The case is on appeal for a decision to quash service on GAF. In Virginia there is a procedural method of effecting service on an insurance company that is not authorized as an insurer in Virginia. This action also allows for additional damages, including attorney’s fees, which would not be applicable in a simple breach of contract/breach of warranty issue.

The issue is whether or not the guarantee provided by GAF constitutes insurance, or a mere guarantee. This case is somewhat unique, as the wording and terms of the guarantee, as above, appear to go “beyond the normal scope” of a quality of product warranty but the court finds that it does not rise to the level of insurance. The case was remanded back to the district court with instructions to quash service.

Rawlings v. Apodaca

Bad faith! This case represents the evil swinging hammer that is lurking in some jurisdictions behind insurance companies, in an effort to make sure that they do what is right to protect their insureds. In this case, there is a farm owned by Rawlings that has insurance on some or all of the buildings. There is a fire, that is suspected to have been caused by the neighbor, Apodaca, which spreads to the Rawlings farm and destroys a building. The building is insured through Farmer’s insurance for $10,000, however the damage is much more extensive. Farmer’s orders a fire investigation, and Rawlings asks whether or not they will have access to the report, or if they should order one of their own. Farmer’s states that they will share the report.

The report reveals that Apodaca is the cause of the fire, and that they, too are insured with Farmer’s, except for $100,000.00. Too late to hire a fire investigator, Rawlings is denied the report from Farmer’s. They sue both Apodaca and Farmer’s both in tort(Apodaca) and Bad faith(Farmer’s). An insurance company has a duty to protect its insured, and can not “screw over” their insured to protect their own interest. Rawlings wins the claim, both against Apodaca, and against Farmer’s, for punitive damages. Moral of the story, which doesn’t see to really be learned, is that insurance companies cannot(shouldnt) screw people over, especially their insureds. However, my experience tells me that they will push this issue as long and far as they can, just to save a buck. In jurisdictions with bad faith and punitive damages, not paying claims is dime smart, and dollar foolish.

Deschler v. Fireman’s Fund American Life Insurance

This case delves into the intricate language of insurance policies, specifically when they pertain to exclusions in a policy. This is a case in which party Deschler has a life insurance policy, and dies in an accident involving a water ski kite.
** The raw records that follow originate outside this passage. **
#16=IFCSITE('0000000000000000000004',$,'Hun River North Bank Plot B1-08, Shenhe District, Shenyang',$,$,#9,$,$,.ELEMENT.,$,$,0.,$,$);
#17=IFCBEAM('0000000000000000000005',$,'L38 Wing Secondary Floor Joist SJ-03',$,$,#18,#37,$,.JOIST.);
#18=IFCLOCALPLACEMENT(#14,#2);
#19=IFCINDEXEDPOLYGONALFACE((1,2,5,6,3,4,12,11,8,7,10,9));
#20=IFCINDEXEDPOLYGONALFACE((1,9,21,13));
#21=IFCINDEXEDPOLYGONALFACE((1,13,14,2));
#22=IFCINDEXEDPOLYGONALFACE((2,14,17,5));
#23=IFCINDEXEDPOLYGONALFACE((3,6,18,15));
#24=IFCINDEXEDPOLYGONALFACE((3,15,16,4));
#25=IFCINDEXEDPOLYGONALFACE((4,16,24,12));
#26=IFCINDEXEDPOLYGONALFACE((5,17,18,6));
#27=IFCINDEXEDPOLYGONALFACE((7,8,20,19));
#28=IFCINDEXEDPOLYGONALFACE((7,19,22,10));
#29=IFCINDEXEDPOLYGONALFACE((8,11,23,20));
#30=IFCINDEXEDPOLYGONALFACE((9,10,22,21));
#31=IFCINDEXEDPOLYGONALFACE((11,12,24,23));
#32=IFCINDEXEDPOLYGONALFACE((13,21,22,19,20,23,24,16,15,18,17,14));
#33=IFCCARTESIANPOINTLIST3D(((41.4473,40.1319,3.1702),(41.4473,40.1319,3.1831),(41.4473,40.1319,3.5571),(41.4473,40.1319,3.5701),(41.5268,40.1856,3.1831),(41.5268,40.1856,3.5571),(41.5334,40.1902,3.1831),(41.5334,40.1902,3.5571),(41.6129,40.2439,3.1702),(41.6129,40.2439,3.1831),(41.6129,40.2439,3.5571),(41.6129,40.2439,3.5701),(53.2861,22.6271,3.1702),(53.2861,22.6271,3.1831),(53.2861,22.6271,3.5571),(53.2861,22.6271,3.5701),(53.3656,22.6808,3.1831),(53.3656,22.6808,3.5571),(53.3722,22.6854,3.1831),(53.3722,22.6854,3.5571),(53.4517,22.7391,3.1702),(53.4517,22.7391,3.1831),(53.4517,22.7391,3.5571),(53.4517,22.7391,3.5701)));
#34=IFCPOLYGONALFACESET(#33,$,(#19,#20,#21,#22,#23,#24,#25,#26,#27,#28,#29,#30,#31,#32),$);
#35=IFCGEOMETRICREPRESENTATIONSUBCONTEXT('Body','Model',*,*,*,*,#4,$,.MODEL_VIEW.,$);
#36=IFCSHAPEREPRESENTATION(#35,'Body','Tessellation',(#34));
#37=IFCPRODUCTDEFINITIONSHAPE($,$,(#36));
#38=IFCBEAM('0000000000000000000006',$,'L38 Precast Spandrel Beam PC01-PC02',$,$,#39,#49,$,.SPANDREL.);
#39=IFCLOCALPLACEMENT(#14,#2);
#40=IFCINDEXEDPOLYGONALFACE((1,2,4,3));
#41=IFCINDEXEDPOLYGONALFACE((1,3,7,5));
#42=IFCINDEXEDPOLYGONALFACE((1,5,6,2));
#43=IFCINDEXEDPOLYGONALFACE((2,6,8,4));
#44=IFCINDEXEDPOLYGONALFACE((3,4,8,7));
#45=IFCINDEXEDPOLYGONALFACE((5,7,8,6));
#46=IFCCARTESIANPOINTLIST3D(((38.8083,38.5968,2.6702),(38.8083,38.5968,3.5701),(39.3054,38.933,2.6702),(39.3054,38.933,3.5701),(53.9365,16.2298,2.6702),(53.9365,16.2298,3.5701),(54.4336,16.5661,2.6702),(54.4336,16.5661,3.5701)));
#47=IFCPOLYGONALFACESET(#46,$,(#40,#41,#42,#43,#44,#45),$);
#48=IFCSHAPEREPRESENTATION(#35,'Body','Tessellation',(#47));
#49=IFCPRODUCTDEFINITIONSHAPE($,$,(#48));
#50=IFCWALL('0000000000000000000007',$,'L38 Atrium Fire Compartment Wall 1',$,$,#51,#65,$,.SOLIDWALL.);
The case goes into the technical details of how the water ski kite operates, and how he came to pass. There is an exclusion in the policy, negating payout if death arises as a result of use of a  “device for aerial navigation”. The question the court tackles is more of a semantic definition of the wording, and what the water ski kite is. The decision states that the water ski kite is a device for aerial navigation, and the dissent disagrees with an interesting argument. Its the battle of engineers, when most of the judges probably are not engineers. The majority defines the aerial navigation devices by 2 broad criteria: (1) the aerodynamic principles which affect its ability to become and remain airborne, and (2) the degree of control which the operator has over its direction, speed, and the timing and place of landing.

The dissent interestingly concludes that by this theory that an amusement park ride would be a device for aerial navigation, which is clearly untrue:

“The question presented by this appeal is restricted to whether a device which is tethered to the earth is a device for aerial navigation. Like many amusement park rides which remain tethered to the ground by cables and other mechanical means, a water ski kite depends for its operation upon its tether to the boat which it trails. Clearly amusement park rides are not devices for aerial navigation. Similarly, water ski kites cannot be so considered. There is no legitimate distinction between them.”